# Some of the angora ferrets and kits :D



## angoraferret (Jan 18, 2009)

Been a while so I thought I would share a few pictures of some of our angora ferrets and kits we bred this year. :flrt:

Fallow


Mustang


Van Weasel


Evie


Jubilee


And Ruffles


----------



## feorag (Jul 31, 2007)

Aw, you've got some beautiful ferrets there! :flrt:

I love this one!

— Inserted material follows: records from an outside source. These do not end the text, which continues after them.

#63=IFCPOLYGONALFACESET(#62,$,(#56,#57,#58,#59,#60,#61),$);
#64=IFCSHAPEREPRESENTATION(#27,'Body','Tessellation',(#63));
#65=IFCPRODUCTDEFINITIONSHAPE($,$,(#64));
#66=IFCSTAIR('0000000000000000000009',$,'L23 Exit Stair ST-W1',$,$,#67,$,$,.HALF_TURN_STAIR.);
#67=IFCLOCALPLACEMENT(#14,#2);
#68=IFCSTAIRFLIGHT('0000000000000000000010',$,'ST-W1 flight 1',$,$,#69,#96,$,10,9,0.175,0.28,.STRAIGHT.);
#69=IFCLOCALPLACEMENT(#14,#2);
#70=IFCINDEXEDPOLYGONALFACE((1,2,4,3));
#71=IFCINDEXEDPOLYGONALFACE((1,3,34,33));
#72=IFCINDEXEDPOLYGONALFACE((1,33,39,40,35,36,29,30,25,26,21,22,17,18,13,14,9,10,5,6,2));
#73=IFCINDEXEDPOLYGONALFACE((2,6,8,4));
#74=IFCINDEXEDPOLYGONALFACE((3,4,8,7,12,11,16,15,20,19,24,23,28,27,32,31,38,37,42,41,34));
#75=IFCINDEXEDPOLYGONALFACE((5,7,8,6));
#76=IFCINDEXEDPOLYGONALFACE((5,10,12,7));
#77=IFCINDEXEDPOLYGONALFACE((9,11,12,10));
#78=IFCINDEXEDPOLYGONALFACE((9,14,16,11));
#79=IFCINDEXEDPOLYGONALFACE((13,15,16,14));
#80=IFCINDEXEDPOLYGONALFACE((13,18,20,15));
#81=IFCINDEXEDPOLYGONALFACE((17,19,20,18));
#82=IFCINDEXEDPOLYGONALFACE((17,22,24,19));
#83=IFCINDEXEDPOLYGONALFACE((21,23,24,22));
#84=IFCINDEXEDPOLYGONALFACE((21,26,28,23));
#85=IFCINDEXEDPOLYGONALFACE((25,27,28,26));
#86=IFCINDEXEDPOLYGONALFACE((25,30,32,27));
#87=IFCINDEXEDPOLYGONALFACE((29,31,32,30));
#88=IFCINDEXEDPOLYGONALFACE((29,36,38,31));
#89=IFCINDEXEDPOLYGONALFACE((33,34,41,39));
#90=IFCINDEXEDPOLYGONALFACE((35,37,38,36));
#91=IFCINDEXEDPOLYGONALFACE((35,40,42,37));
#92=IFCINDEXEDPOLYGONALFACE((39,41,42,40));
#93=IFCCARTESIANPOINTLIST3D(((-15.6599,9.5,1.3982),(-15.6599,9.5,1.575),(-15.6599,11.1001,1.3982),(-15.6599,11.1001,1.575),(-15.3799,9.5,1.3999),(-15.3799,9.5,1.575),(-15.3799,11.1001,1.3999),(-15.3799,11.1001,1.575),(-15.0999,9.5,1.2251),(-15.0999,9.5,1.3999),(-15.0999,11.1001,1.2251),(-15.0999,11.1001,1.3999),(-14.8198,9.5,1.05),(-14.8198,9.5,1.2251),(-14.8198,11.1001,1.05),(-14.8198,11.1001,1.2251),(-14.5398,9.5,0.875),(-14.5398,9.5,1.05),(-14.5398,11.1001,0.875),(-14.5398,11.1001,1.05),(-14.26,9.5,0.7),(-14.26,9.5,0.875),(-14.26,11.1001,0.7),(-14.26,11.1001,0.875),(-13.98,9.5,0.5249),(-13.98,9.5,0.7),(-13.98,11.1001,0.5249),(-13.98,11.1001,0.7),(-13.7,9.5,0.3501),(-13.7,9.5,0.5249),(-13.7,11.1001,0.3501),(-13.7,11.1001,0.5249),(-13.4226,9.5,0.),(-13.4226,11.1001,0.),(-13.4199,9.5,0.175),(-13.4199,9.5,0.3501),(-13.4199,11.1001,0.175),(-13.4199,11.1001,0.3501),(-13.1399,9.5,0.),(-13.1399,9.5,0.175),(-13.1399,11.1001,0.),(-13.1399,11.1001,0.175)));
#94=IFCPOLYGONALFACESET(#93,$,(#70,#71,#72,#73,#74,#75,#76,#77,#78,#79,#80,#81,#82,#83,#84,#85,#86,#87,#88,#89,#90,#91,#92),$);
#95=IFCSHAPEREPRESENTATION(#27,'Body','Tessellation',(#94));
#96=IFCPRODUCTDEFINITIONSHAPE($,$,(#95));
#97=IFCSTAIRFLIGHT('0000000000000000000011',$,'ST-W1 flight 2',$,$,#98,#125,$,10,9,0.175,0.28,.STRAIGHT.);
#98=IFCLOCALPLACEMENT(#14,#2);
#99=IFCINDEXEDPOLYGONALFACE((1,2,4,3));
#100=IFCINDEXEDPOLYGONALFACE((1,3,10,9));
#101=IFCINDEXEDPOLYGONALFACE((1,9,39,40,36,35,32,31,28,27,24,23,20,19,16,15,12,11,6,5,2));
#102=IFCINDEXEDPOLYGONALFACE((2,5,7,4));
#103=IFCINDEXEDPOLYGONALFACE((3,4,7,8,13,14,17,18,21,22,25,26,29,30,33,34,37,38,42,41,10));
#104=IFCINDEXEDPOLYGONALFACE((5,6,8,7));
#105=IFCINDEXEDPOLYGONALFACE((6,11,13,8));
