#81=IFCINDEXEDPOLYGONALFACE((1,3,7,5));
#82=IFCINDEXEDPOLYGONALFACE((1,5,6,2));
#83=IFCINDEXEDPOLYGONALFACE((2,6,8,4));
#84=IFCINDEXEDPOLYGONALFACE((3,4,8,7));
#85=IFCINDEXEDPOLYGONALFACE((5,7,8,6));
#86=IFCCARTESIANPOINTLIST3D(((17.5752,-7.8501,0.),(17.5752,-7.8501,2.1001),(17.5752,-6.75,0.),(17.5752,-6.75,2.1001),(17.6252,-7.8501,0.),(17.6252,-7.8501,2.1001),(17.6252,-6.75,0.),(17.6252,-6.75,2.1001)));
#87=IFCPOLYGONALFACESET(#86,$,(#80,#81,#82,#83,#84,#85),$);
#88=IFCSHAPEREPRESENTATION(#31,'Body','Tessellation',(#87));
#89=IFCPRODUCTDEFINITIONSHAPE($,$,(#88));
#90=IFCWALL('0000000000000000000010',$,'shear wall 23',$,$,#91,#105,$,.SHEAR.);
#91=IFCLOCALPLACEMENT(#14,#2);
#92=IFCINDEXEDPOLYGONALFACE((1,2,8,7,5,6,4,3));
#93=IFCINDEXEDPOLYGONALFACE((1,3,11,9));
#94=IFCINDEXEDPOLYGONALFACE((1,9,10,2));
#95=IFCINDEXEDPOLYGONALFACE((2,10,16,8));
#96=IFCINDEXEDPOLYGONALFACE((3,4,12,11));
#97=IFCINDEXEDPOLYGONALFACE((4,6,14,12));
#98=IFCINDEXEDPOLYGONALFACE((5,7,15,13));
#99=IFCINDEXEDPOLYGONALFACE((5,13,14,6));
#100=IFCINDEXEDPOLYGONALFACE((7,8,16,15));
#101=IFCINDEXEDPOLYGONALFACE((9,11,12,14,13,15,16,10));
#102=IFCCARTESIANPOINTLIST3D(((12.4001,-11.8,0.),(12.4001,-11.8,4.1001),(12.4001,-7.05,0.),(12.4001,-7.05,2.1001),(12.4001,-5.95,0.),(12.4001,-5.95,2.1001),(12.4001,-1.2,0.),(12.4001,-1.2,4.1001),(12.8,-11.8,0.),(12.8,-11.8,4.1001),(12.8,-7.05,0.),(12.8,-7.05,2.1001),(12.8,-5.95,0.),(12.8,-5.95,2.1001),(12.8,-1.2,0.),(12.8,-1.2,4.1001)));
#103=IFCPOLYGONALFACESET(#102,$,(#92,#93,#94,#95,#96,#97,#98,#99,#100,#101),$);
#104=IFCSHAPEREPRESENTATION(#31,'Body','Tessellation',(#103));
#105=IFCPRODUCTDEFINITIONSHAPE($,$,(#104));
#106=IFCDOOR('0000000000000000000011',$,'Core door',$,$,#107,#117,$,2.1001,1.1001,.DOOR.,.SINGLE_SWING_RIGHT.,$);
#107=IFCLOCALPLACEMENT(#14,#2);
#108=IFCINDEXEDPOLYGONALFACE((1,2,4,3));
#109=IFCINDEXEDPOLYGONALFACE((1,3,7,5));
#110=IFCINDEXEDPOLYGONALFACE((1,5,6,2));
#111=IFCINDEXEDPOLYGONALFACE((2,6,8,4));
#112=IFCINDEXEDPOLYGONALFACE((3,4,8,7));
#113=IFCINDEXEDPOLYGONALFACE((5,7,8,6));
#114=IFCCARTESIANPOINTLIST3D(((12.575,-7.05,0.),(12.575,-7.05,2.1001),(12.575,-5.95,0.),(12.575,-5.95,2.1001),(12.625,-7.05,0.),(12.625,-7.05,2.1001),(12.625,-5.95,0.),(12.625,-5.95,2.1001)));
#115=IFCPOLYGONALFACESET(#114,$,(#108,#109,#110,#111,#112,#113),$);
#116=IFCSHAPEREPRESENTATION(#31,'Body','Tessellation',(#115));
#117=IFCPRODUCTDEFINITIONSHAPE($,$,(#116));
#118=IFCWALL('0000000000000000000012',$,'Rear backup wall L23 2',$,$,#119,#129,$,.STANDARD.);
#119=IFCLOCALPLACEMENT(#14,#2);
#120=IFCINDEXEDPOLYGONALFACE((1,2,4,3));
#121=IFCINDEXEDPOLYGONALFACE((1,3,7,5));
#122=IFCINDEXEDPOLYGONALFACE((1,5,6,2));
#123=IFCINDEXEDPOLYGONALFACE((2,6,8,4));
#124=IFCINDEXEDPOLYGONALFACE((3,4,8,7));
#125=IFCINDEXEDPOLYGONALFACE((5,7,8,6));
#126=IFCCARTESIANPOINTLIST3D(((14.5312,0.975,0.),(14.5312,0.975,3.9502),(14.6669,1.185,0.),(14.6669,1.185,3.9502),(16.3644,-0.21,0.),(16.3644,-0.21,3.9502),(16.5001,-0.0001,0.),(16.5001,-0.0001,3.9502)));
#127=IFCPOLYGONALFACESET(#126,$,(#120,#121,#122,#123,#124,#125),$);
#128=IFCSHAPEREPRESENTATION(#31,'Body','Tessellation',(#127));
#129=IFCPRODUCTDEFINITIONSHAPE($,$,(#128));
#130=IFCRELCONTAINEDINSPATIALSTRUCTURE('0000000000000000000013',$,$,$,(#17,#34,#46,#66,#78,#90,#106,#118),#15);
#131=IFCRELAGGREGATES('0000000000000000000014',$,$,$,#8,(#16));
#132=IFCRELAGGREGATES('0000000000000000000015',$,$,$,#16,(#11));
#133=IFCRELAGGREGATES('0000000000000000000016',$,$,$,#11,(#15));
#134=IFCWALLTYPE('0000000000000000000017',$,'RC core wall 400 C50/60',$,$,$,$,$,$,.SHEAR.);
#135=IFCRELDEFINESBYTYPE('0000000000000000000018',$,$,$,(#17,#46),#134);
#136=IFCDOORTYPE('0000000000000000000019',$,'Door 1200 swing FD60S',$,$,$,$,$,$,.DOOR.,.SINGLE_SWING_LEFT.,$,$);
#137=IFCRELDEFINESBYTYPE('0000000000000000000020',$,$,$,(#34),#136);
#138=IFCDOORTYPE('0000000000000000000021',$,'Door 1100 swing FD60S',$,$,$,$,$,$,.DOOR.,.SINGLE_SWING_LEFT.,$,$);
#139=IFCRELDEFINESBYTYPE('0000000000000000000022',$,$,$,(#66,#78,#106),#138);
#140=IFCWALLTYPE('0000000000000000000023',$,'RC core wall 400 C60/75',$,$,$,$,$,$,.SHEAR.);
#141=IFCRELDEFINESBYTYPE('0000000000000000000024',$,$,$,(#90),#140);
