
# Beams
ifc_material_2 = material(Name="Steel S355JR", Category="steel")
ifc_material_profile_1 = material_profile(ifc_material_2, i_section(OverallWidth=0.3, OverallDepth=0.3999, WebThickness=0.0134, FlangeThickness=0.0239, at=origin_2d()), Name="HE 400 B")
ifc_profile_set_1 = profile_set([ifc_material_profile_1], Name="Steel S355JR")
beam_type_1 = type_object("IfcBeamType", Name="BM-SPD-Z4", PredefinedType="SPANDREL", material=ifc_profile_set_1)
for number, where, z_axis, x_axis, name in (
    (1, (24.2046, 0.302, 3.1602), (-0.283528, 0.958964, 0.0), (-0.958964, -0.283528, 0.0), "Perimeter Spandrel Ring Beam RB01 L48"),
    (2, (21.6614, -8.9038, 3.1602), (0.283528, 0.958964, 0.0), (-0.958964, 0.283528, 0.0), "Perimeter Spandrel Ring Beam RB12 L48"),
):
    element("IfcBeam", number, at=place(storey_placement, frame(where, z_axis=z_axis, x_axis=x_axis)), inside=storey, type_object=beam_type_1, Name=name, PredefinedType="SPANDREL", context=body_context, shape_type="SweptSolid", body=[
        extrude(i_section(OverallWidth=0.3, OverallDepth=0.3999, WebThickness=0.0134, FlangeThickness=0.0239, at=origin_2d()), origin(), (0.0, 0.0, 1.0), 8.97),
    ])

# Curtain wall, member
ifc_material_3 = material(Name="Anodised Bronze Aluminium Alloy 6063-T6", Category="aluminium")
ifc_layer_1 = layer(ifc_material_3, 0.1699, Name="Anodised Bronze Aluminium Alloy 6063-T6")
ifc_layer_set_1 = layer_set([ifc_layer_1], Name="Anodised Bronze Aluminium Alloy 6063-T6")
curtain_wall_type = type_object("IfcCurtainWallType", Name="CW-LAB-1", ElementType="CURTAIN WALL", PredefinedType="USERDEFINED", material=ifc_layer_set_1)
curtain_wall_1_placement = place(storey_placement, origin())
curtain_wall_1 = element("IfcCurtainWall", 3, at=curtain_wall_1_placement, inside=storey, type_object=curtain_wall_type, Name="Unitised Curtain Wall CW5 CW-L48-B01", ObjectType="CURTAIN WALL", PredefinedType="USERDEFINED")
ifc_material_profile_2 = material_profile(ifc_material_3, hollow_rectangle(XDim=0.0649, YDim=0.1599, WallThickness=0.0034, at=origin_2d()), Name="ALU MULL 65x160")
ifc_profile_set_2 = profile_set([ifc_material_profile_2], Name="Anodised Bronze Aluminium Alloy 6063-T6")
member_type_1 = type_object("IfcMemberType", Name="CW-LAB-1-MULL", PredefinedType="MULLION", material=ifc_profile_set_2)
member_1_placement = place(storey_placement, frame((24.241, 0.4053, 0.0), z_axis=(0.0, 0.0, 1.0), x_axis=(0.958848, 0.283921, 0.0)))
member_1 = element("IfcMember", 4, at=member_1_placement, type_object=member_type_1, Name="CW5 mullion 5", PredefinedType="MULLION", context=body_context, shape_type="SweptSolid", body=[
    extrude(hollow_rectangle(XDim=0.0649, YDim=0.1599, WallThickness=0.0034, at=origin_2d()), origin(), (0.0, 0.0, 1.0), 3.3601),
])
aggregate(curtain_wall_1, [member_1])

What a face! :flrt:


----------



## Chris18 (Mar 22, 2009)

Oh, my, god.
Cutest things ever!


----------



## RhianB87 (Oct 25, 2009)

I have never seen an angora ferret before but I suddenly feel that I need one in my life!
:flrt:


----------



## izz (Aug 1, 2013)

I think I have just fallen in love :flrt:


----------



## MacAoidh (Mar 3, 2013)

Super cute ;-)


----------



## lisadew24 (Jul 31, 2010)

Their so cute :flrt:


----------



## Charlie BRB (Jul 31, 2013)

I've been looking into getting one of these to join my two crazy boys, yours by far, are the best I've seen in the UK :flrt:


----------



## selina20 (May 28, 2008)

Van weasel is an amazing name for a ferret lol


----------



## rosieboobean (Jun 20, 2010)

Beauties :flrt: xxxx


----------



## aliburke (Jun 20, 2011)

Oh these are awesome! :flrt:


----------



## rosieboobean (Jun 20, 2010)

You had some fab kits this year xxxxxxxxx


----------



## Snugglesuk (Jan 6, 2014)

OMG i must stay off the ferret threads!! They are adorable. My son has always wanted a ferret, but we found one once and put it in a box.It was all teeth and claws and frightened me :blush:


----------